Joakim Eskildsen was born in 1971 in Copenhagen, Denmark. He lives and works in Berlin.> Read more
Joakim Eskildsen started photography under the Danish Royal Court photographer, Mrs. Rigmor Mydtskov. In 1994, he moved to Finland to learn the craft of photo book making with Jyrki Parantainen and Pentti Sammallahti, at the University of Art and Design in Helsinki. He graduated with a Master of Arts four years later.

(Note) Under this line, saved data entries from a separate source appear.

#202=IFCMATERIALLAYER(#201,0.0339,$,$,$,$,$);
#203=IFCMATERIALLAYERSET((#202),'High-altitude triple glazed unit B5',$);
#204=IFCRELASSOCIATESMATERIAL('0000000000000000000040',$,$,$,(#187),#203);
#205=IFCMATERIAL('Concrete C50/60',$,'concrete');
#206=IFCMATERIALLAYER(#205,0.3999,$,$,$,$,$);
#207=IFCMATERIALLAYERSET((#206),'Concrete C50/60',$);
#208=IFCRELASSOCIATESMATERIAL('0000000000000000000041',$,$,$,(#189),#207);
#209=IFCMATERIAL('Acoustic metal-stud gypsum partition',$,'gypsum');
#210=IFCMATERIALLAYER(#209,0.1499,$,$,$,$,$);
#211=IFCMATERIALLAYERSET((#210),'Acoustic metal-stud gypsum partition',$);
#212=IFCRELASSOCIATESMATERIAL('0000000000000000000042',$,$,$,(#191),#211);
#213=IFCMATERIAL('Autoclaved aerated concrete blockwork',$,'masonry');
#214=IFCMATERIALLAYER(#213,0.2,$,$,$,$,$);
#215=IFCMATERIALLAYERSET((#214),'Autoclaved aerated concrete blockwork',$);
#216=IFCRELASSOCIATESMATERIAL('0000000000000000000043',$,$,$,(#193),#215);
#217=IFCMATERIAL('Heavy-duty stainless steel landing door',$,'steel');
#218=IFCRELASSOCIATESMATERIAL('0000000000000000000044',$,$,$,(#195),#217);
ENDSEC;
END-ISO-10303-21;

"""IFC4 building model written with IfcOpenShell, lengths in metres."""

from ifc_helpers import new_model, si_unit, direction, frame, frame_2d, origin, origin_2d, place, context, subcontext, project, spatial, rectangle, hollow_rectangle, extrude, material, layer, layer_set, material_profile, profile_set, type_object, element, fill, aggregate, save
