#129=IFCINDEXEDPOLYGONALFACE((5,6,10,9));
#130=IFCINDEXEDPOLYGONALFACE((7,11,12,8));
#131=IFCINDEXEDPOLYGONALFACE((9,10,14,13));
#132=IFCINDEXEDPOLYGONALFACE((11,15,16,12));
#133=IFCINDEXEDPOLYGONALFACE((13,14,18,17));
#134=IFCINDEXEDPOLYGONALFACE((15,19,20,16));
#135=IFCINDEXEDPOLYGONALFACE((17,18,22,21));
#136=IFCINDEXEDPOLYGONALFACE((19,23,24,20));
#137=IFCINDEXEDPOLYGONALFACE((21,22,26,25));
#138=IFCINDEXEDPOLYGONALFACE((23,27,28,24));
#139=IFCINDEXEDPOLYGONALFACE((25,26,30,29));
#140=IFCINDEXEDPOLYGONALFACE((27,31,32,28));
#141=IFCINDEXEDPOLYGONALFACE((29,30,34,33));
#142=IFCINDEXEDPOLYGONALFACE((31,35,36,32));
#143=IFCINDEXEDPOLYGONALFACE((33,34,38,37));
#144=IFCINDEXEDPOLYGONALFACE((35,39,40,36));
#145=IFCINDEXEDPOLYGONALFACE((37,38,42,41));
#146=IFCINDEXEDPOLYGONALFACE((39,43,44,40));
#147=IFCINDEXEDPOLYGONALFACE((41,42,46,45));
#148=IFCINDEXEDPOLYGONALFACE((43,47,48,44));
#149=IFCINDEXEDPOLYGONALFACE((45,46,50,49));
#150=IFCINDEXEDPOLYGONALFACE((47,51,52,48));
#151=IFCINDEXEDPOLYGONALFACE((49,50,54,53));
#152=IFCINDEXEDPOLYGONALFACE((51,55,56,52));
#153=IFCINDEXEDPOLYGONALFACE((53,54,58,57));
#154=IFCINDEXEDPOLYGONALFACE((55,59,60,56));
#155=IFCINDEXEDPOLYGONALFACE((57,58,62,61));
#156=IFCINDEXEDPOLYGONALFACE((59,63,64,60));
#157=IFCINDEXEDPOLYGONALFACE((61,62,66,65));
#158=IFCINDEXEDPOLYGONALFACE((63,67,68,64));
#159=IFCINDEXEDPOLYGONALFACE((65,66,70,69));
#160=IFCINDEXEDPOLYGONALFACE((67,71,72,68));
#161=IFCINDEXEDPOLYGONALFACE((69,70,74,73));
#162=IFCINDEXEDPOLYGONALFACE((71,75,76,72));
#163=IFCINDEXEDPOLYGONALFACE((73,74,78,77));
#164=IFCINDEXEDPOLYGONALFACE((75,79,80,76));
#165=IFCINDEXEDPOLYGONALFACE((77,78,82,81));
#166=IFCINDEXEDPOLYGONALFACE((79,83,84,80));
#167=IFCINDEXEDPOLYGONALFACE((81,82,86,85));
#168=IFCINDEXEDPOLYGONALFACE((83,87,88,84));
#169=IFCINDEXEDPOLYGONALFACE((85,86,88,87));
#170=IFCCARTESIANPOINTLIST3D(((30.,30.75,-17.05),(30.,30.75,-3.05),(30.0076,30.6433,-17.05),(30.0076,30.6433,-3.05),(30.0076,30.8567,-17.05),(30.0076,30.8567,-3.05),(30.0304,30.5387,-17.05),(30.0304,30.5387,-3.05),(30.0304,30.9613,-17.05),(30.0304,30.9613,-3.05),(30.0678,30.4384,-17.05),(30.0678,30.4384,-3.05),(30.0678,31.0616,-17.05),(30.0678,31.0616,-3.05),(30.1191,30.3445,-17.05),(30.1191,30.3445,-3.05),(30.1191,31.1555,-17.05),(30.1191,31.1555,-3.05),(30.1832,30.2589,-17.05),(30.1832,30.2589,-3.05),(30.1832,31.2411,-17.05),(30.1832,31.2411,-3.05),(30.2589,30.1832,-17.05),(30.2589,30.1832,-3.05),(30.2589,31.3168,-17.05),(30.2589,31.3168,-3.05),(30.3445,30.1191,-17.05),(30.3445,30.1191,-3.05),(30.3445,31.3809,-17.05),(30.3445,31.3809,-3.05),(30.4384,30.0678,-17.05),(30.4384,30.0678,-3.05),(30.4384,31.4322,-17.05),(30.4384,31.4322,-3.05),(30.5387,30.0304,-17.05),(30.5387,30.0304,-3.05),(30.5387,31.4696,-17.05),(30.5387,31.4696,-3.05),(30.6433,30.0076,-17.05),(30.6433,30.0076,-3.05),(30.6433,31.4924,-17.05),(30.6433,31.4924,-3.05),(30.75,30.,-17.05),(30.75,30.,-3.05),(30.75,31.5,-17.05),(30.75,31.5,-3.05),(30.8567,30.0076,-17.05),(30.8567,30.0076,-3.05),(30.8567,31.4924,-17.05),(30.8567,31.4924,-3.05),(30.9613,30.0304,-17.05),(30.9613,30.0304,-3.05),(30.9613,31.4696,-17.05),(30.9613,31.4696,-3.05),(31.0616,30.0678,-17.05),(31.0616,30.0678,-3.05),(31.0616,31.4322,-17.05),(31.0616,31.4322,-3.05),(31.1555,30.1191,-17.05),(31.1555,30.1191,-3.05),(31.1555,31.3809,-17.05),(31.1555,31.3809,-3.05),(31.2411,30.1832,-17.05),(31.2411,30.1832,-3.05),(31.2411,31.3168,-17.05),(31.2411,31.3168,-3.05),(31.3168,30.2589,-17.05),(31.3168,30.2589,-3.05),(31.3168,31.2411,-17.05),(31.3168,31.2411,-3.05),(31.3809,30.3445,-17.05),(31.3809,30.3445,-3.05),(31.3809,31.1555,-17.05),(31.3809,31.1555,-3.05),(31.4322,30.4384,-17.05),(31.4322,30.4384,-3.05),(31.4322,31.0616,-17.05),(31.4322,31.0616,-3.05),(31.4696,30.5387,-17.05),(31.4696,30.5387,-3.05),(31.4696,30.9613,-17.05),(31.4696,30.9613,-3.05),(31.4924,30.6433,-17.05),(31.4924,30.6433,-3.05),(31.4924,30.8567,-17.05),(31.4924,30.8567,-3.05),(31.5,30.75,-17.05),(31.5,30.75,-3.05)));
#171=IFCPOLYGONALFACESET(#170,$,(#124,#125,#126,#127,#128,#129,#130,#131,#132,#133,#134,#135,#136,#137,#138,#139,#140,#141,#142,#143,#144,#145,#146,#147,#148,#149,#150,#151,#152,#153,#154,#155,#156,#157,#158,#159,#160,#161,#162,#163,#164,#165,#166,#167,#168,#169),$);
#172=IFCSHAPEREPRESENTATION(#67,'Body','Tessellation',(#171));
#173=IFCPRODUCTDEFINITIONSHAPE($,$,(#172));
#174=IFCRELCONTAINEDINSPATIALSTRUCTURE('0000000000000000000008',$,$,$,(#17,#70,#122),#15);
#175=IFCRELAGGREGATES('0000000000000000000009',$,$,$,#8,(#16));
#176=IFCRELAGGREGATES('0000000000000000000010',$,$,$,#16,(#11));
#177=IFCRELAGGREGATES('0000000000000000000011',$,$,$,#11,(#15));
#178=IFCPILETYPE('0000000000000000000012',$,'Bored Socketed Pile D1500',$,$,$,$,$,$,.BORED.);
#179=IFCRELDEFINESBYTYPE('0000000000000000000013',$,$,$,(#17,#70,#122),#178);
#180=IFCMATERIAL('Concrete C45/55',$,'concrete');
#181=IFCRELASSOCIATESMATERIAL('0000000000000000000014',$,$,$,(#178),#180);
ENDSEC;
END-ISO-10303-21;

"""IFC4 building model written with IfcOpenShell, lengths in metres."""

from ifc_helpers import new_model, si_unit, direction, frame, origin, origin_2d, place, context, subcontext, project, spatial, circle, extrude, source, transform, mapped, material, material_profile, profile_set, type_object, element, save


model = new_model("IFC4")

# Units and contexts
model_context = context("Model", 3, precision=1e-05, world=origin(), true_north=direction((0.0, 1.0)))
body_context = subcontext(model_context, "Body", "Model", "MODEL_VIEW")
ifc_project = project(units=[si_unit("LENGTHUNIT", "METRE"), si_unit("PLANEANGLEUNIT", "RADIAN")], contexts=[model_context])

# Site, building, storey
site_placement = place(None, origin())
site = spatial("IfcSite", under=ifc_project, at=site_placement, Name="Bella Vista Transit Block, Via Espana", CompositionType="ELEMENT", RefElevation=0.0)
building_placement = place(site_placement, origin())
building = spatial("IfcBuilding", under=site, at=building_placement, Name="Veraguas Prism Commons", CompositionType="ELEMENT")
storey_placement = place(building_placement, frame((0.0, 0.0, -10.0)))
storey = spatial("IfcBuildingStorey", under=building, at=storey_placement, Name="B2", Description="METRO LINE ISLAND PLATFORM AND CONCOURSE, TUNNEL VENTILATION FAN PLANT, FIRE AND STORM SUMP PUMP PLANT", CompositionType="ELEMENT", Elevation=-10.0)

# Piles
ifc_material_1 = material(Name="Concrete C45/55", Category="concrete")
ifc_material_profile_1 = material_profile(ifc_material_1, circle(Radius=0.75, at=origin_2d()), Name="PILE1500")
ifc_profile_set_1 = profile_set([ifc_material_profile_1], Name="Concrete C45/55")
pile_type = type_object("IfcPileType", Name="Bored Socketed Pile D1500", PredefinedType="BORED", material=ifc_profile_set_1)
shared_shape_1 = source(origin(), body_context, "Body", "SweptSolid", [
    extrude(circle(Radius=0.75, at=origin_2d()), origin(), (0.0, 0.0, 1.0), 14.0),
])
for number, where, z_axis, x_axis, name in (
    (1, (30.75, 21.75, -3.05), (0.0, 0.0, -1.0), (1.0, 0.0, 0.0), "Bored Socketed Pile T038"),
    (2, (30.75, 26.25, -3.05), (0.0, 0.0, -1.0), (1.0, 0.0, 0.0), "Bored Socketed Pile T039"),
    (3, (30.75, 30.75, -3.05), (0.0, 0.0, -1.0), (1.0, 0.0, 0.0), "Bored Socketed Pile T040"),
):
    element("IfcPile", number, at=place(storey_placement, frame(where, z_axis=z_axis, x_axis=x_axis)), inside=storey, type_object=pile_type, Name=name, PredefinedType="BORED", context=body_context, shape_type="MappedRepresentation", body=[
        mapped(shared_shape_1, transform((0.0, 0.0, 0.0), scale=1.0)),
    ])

Joakim Eskildsen often works with his wife, the writer Cia Rinne. During the 1990s, they created their first collaborative projects: Nordic Signs (1995), a collection of photographs taken in Northern Europe that constitute an hymn to nature; Bluetide (1997), the story of Apulia, a Portuguese fishing town touched by erosion; and iChikenMoon (1999), which won the best foreign title in 2000 at the Phoyo-Eye books & Prints annual Awards.
In 2007, Joakim Eskildsen exhibited The Roma Journeys for the first time at the Nikolaj Copenhagen Contemporary Art Center. This series is a testimony to the Roma people’s lives and journeys captured in seven different countries. The book received the Amilcare Ponchielli Award given by the Dutch Academy of photography.
Joakim Eskildsen then went on to realize three more series: Home Works, a photographic ode to family and time, American Realities in 2011, an exploration of adverse effects of the economic crisis on the country’s population and rising poverty, and Cuba in 2013, a testimonial of Havana’s architectural evolution.
Three of his books were published by Steidl.